On occasions, Mr Shamlawi has thrown himself into the bulldozer's bucket or lain in the path of its grinding tracks in defence of the village's olive trees. But, more typically, the Israeli army drives the protesters away with teargas and rubber bullets before they get near the clanking machinery laying the path for what Israel calls the 'anti-terror fence' snaking its way through the occupied territories.
The barrier will surround al-Zawiya and two neighbouring villages close to the large Jewish settlement of Ariel, with access restricted to a single gate.
In similar protests across the West Bank over recent months, four people have been killed and hundreds more injured in largely passive resistance to the construction of the system of fences, eight-metre-high walls, trenches and free-fire zones that Ariel Sharon would like to see surround the bulk of the Palestinian population.
Mr Shamlawi was hit by a rubber bullet in the leg. "Two weeks ago, a soldier shot me after I told them not to fire tear gas at my house because there were children inside," he said.
The village authorities say hundreds of others in al-Zawiya have been injured by rubber bullets and teargas. A pregnant woman's child was stillborn after she was teargassed. The family said the baby had turned black.
Mr Shamlawi and many other Palestinians living in the shadow of the barrier hope that a ruling by the international court of justice in The Hague will establish that it is the Israeli government that is acting illegally.
Israel is braced for the world court to take a different view and support the Palestinian contention that the barrier is an illegal land grab at the expense of hundreds of thousands of people separated from schools, work and hospitals - and frequently caged in tiny enclaves.
Palestinian lawyers argue that, if the barrier were purely a defensive measure, it could have been built along the 1967 border, the green line. But Lieutenant Colonel Shai Brovender, an Israeli army battalion commander overseeing the operation of the barrier, says it benefits Palestinians living in cities such as Qalqilya, which is entirely surrounded by a huge wall and fence with just a single exit.

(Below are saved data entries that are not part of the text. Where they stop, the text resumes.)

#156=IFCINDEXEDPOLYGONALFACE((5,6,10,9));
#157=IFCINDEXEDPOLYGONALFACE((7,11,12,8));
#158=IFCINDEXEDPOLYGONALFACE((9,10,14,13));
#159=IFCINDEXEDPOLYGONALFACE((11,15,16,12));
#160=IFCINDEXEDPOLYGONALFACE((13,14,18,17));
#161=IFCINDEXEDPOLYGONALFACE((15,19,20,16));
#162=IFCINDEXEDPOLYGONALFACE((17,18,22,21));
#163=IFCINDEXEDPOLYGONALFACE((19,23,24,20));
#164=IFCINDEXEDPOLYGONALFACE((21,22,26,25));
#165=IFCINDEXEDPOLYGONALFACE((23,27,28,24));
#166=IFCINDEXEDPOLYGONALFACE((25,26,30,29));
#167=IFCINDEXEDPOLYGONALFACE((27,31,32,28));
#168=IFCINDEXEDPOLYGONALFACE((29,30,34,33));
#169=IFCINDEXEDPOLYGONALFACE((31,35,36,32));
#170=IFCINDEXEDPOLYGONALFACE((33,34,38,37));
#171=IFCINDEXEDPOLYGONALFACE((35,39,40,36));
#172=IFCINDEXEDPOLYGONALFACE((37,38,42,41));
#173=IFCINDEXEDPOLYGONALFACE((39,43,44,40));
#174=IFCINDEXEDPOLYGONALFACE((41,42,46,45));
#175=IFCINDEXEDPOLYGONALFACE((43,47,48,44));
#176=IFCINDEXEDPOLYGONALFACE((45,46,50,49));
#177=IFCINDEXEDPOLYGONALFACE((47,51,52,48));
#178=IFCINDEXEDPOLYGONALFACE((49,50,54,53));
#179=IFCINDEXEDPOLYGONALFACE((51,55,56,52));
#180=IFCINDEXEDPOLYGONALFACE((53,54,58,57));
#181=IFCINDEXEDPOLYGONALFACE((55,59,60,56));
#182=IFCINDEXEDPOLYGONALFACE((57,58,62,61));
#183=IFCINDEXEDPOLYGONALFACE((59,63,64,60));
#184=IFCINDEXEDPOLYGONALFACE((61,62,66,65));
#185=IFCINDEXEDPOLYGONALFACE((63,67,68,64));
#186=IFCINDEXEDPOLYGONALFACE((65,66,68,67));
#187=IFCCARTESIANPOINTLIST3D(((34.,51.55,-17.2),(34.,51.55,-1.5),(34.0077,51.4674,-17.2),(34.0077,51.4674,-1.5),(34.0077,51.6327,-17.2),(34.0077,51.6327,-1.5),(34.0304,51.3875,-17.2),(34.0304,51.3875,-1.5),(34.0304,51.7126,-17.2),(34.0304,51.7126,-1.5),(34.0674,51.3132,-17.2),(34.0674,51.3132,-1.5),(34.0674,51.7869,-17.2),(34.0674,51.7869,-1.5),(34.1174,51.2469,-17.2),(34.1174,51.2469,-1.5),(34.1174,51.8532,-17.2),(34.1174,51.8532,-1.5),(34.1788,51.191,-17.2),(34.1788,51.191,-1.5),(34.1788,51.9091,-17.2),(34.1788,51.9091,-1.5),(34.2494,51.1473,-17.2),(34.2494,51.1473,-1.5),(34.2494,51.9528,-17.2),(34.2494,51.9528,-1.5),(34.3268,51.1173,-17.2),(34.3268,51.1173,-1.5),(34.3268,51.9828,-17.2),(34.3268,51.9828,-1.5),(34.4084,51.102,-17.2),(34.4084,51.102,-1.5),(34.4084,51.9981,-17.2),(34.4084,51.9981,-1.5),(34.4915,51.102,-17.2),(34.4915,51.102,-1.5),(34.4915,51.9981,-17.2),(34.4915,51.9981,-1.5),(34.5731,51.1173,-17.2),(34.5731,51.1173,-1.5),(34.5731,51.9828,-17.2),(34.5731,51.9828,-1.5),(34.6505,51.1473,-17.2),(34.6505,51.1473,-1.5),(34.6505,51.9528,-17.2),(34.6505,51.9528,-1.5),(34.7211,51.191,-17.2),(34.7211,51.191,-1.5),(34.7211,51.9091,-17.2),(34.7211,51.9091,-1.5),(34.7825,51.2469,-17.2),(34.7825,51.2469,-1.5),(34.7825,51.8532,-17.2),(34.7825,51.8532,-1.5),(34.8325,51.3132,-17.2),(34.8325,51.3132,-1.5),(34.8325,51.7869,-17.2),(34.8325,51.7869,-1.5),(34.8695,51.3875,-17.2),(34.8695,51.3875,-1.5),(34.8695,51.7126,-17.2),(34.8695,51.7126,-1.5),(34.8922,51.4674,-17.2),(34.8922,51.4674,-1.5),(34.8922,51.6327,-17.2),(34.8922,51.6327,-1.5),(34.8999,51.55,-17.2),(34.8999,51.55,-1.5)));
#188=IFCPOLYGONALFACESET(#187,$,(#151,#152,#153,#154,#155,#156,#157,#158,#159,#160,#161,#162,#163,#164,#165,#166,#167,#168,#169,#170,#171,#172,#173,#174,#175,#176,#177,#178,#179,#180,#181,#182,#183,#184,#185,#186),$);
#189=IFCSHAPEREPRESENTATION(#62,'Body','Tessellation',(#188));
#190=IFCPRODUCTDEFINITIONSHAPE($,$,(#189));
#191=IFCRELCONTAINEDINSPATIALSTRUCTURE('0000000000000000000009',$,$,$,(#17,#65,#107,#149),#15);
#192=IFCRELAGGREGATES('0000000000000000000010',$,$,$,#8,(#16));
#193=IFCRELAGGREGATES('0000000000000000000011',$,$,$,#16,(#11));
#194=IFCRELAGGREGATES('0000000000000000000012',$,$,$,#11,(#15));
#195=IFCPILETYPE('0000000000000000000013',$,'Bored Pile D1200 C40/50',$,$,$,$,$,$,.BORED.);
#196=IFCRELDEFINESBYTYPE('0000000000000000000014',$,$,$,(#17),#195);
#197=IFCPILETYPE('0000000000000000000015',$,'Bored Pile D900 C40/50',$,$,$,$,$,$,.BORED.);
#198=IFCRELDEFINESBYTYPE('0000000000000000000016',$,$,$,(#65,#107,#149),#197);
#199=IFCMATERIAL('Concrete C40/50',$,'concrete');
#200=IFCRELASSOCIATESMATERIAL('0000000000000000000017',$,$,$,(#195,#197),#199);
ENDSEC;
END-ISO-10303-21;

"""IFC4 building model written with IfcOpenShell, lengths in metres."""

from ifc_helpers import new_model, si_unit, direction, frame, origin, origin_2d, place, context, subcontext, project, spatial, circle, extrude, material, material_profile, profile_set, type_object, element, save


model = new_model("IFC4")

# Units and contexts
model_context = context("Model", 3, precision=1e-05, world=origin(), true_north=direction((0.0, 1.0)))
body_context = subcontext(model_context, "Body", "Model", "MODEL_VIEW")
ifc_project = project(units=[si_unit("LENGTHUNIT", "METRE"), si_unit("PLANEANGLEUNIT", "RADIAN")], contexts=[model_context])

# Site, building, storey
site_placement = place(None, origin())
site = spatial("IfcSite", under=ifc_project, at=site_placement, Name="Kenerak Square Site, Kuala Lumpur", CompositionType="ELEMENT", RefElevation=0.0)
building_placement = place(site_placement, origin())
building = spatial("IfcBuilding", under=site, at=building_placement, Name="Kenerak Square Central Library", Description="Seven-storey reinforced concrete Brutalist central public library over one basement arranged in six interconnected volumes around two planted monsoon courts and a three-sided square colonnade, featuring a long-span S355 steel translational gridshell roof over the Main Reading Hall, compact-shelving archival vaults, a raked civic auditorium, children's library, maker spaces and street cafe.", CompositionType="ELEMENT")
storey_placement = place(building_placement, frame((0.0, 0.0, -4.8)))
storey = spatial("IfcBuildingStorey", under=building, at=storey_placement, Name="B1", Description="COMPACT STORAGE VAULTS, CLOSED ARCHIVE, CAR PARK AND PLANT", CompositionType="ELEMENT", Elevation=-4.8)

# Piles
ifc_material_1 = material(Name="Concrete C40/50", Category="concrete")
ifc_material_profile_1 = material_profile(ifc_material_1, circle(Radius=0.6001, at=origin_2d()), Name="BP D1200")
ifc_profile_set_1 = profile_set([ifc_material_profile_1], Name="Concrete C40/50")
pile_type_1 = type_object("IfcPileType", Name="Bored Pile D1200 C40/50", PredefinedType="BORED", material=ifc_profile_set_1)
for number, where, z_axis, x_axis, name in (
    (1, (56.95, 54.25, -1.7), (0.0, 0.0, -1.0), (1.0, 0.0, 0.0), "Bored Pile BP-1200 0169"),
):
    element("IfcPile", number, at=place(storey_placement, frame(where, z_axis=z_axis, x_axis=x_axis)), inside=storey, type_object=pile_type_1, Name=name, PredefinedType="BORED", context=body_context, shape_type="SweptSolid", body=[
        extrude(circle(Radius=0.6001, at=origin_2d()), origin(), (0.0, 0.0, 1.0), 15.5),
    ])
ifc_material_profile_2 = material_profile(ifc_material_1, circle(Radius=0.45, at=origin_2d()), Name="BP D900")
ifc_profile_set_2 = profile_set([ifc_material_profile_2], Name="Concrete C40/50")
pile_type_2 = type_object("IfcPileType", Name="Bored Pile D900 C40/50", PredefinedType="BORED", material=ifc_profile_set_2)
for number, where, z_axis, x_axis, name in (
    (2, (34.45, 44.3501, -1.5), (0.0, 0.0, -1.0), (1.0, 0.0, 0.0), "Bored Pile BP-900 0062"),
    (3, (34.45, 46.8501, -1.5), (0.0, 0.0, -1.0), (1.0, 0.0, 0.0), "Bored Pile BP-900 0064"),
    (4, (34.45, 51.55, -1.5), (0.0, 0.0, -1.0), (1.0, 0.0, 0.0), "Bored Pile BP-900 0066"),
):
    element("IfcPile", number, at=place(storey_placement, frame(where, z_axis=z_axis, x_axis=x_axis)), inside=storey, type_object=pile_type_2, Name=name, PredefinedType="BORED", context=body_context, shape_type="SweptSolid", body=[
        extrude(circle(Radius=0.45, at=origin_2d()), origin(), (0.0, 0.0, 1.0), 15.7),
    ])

"As a result of the fence, we no longer need to have troops patrolling the streets inside Qalqilya. That makes things better for the Palestinians. It's better for us not to have to patrol, and it's better for them not to have us on their streets all the time."
The mayor of Qalqilya, Maa'rouf Zahran, doesn't see it that way. "I don't know how it's better if you confiscate 53 per cent of people's land and 32 per cent of their water and you refuse them access to nearby villages and hospitals and university," he said.
"How is it better to be completely surrounded and have just one entrance? People feel they have a noose around their neck. They feel they are in prison. There is a lot of despair. There are 8,000 families living on food aid, 540 stores closed in town, 3,000 people moving out."
For Mr Shamlawi, the route of the fence has taken on a personal twist. The stretch being worked on at al-Zawiya this week runs along the back of the school where he is caretaker. The army refused to allow children to attend classes as the bulldozer tore away at the land nearby.
"After they finish we'll be one of three villages in a ghetto. The gate will be open for some hours during the day, but it will be like a prison and some families will leave, just as the Israelis want," he said. - Dawn\ The Guardian News Service.